Data Ingestion and Storage Architecture
PDE data architecture starts with choosing the right storage for each use case. Cloud Storage (GCS): object storage for raw and processed data — the foundation of a data lake on GCP. Choose storage class by access frequency: Standard (frequently accessed — streaming pipeline outputs), Nearline (monthly access — backups), Coldline (quarterly access — DR), Archive (yearly access — regulatory retention). Lifecycle rules automate transitions and deletions. BigQuery: serverless data warehouse — the destination for most analytical workloads on GCP. Optimise with partitioning (partition by ingestion time or date column — reduces bytes scanned), clustering (co-locate rows with similar values — further reduces scan), and materialised views (pre-computed query results refreshed automatically). BigQuery Omni: run queries directly against data in AWS S3 or Azure Blob — no data copying. Cloud Bigtable: managed NoSQL for high-throughput time-series and IoT data — wide-column model, petabyte-scale, millisecond latency — designed for billions of rows. Do not use Bigtable for small datasets; overhead is not worth it. Cloud Spanner: globally consistent relational database — use when you need both SQL semantics and global horizontal scale (financial transactions, global inventory).
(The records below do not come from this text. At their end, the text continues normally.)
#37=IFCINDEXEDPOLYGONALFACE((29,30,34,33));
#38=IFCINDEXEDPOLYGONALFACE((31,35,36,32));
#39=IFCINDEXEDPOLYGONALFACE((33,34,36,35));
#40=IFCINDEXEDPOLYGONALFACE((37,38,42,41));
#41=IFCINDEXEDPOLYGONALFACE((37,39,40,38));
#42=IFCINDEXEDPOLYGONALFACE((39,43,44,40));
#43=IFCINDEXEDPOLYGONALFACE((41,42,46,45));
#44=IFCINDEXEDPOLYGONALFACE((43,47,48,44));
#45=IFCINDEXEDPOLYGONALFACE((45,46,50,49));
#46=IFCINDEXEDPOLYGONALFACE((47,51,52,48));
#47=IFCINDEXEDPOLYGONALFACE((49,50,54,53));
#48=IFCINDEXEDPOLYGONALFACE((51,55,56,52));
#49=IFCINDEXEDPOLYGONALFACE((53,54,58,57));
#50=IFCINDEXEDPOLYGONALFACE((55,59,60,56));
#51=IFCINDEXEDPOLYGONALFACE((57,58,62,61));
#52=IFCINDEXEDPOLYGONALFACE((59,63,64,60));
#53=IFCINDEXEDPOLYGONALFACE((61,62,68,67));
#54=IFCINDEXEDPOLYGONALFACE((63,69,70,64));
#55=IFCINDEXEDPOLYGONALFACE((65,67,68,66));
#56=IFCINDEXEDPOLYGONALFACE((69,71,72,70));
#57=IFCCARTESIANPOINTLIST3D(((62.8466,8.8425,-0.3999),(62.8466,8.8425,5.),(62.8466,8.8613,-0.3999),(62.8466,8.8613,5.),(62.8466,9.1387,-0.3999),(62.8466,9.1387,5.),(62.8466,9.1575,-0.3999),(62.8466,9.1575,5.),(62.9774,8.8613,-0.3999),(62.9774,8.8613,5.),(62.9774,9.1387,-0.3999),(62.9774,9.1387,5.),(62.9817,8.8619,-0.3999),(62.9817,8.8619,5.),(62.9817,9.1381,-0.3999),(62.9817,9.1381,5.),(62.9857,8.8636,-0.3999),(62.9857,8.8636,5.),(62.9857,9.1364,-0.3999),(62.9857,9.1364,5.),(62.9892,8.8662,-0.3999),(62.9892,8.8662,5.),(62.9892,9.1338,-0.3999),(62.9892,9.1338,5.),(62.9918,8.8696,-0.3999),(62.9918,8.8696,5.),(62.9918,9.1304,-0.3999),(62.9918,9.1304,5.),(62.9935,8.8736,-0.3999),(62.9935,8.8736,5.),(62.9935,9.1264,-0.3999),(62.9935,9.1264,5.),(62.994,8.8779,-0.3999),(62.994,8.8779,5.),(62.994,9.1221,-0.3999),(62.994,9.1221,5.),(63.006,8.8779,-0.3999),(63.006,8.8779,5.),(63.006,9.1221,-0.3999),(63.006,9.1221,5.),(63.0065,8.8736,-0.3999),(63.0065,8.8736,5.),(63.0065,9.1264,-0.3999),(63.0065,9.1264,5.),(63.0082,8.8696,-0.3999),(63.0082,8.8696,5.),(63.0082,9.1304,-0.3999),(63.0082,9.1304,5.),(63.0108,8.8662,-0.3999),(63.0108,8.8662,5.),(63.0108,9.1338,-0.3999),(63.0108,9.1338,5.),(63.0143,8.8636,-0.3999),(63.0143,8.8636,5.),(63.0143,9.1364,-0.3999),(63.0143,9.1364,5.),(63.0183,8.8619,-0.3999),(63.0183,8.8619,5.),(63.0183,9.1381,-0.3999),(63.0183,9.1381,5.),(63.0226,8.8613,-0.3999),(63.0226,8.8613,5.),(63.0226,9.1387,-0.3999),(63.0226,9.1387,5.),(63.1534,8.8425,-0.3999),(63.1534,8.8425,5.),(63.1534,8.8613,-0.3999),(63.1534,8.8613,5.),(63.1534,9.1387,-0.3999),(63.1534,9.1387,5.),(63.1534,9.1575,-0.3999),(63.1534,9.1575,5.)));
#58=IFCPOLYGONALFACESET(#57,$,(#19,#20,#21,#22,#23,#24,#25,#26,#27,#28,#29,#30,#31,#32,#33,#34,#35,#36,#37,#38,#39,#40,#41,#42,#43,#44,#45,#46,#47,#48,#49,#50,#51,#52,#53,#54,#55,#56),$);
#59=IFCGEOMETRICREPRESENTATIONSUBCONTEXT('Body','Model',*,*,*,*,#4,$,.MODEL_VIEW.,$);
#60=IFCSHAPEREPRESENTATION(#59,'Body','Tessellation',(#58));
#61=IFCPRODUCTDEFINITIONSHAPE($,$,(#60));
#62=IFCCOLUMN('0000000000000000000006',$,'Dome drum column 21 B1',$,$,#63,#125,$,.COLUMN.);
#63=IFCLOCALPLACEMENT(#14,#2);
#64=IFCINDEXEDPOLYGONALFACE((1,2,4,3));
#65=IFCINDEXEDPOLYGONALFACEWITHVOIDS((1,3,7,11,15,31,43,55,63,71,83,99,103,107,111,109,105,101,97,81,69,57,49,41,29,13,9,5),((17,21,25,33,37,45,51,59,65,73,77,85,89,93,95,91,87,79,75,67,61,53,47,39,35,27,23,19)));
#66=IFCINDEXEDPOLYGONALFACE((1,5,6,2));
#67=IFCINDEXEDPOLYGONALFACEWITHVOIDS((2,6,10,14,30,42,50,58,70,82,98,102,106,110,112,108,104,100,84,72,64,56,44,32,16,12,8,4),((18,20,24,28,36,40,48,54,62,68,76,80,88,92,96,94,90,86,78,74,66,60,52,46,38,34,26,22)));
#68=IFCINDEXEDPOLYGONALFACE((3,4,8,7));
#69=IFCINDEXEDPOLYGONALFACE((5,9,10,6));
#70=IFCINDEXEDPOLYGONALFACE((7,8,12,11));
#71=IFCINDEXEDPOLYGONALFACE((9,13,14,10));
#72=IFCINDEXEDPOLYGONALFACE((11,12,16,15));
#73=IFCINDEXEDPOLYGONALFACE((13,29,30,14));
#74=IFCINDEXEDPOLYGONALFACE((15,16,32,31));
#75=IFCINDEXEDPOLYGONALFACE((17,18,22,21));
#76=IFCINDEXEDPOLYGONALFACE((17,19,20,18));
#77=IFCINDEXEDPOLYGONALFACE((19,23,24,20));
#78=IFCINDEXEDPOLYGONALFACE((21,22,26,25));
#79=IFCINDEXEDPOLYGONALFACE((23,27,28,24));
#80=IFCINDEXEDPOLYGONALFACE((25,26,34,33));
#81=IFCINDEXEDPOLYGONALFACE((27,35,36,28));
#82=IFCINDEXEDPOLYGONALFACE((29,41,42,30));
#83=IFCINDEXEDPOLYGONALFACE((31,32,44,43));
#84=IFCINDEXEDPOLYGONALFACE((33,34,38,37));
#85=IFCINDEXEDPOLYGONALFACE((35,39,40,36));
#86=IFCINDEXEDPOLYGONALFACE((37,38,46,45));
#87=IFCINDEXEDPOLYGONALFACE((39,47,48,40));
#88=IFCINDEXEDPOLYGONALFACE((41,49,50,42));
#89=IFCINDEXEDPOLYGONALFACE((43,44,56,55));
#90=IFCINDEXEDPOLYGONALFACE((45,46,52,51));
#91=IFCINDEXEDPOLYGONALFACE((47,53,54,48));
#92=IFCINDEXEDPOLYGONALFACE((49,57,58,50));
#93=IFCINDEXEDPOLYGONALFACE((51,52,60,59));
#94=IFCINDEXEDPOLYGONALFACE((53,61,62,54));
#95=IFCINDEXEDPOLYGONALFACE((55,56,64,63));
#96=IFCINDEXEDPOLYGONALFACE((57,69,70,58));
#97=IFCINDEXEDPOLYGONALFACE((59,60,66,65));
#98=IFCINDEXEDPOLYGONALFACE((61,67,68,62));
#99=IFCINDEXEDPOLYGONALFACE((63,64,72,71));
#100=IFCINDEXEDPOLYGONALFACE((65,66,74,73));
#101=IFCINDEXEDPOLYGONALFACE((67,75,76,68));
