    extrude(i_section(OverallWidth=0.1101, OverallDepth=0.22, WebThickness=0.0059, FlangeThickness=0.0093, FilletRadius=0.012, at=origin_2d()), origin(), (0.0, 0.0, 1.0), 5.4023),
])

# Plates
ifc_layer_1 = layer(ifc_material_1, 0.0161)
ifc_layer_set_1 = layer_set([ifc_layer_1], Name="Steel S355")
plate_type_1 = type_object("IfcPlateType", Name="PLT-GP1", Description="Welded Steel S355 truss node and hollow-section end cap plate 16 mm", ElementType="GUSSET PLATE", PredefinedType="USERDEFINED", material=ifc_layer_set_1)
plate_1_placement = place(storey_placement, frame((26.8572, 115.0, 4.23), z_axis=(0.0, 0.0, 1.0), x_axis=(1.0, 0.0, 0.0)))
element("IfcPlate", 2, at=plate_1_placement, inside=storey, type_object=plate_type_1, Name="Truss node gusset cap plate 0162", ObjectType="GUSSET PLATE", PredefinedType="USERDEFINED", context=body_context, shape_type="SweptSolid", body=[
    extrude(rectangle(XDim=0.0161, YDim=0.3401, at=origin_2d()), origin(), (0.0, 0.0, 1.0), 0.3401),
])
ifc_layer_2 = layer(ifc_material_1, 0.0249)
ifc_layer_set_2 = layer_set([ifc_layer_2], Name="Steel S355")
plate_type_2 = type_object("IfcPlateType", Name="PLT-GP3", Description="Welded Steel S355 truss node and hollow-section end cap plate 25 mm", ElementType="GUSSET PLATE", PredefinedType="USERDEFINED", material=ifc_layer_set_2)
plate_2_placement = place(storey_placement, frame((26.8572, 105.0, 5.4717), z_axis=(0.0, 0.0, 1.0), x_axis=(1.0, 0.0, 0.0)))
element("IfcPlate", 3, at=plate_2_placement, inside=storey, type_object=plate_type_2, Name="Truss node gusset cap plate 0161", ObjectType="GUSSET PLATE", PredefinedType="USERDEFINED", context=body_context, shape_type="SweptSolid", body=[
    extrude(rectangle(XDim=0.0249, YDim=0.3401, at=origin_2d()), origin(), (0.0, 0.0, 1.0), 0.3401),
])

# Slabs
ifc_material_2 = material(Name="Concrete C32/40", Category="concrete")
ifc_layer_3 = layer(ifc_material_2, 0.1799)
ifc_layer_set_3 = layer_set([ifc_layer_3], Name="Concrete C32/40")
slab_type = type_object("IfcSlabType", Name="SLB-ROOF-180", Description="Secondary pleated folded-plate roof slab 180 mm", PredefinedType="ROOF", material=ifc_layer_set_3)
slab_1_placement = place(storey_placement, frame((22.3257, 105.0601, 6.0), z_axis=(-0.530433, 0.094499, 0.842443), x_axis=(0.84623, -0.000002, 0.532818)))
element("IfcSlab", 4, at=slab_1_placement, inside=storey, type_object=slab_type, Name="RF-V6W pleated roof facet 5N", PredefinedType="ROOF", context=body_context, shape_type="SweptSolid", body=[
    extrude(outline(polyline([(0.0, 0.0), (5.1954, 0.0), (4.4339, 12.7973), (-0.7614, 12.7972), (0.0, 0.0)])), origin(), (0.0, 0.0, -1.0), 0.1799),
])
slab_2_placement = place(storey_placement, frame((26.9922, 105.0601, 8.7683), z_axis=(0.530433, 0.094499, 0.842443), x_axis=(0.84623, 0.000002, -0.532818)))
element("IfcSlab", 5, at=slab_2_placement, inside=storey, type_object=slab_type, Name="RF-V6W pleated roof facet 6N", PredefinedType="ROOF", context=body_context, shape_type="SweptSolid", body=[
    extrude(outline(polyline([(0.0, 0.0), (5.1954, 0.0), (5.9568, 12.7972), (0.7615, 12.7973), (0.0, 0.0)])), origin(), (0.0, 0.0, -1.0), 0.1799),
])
Data Processing: Dataflow, Dataproc, and Pub/Sub
Processing layer choices for PDE. Pub/Sub: fully managed message queue and event streaming — publishers send messages to topics, subscribers consume from subscriptions. At-least-once delivery. Exactly-once processing requires deduplication in the consumer (Dataflow handles this with windowing and watermarks). Pub/Sub Lite: lower cost, zonal availability — for high-volume use cases where global availability is not required. Dataflow: managed Apache Beam execution environment — unified model for batch (bounded) and streaming (unbounded) pipelines. Beam concepts: PCollection (distributed dataset), PTransform (data transformation — ParDo for element-wise, GroupByKey for aggregation), Pipeline (the DAG of transforms), Runner (execution environment — Dataflow runner for GCP, Direct runner for local testing). Streaming concepts: windowing (fixed windows, sliding windows, session windows for activity-based grouping), watermarks (timestamp threshold for late data — hold results until watermark passes), triggers (when to emit results from a window). Dataproc: managed Hadoop and Spark — for existing Hadoop/Spark workloads that cannot be rewritten as Beam pipelines. Ephemeral clusters (spin up for a job, spin down — pay only for processing time) preferred over permanent clusters. Cloud Composer (managed Apache Airflow): orchestrate complex pipelines with dependencies, scheduling, and monitoring — DAGs define workflow structure.
Machine Learning on GCP: Vertex AI
Vertex AI is Google's unified ML platform — the answer to almost every ML question on the PDE exam. Vertex AI components: Workbench (managed Jupyter notebooks for data exploration and model development), Training (custom training jobs using Docker containers or pre-built containers for TensorFlow, PyTorch, sklearn), AutoML (train high-quality models without writing training code — AutoML Tables for structured data, AutoML Image, AutoML Text, AutoML Video), Model Registry (versioned model storage with lineage), Endpoints (deploy models for real-time prediction — online prediction), Batch Prediction (run predictions on a large dataset in Cloud Storage), Pipelines (Kubeflow Pipelines or TFX for ML workflow orchestration), Feature Store (centralised feature management — online and offline serving). BigQuery ML: run ML models using SQL directly in BigQuery — CREATE MODEL statement, SELECT * FROM ML.PREDICT — for data analysts who prefer SQL over Python. Supported algorithms: linear regression, logistic regression, k-means, matrix factorisation, boosted trees, deep neural networks, ARIMA for time-series.
Data Governance, Security, and Reliability
PDE data governance: data classification (identify sensitive data — DLP API scans BigQuery, Cloud Storage, Datastore for PII, payment card data, credentials), data lineage (Dataplex tracks how data flows and transforms — built on Data Catalog metadata), BigQuery column-level security (policy tags restrict access to specific columns — sensitive columns like SSN invisible to users without the policy tag role). Dataplex: unified data governance — organises data across GCS and BigQuery into lakes, zones, and assets, applies data quality rules, automates metadata discovery and classification, manages data lifecycle policies. Data reliability: BigQuery slot reservation for consistent performance (no resource contention from other queries), Pub/Sub subscription acknowledgement deadlines (set longer than maximum processing time to avoid redelivery), Dataflow autoscaling (automatically scales worker count based on input volume — reduces cost during off-peak). Monitoring: Cloud Monitoring metrics for Dataflow job health (data freshness, system lag, backlog bytes), Pub/Sub subscription age (how old is the oldest unacknowledged message — high age indicates slow consumer), BigQuery audit logs (who ran what query against which table — Data Access logs).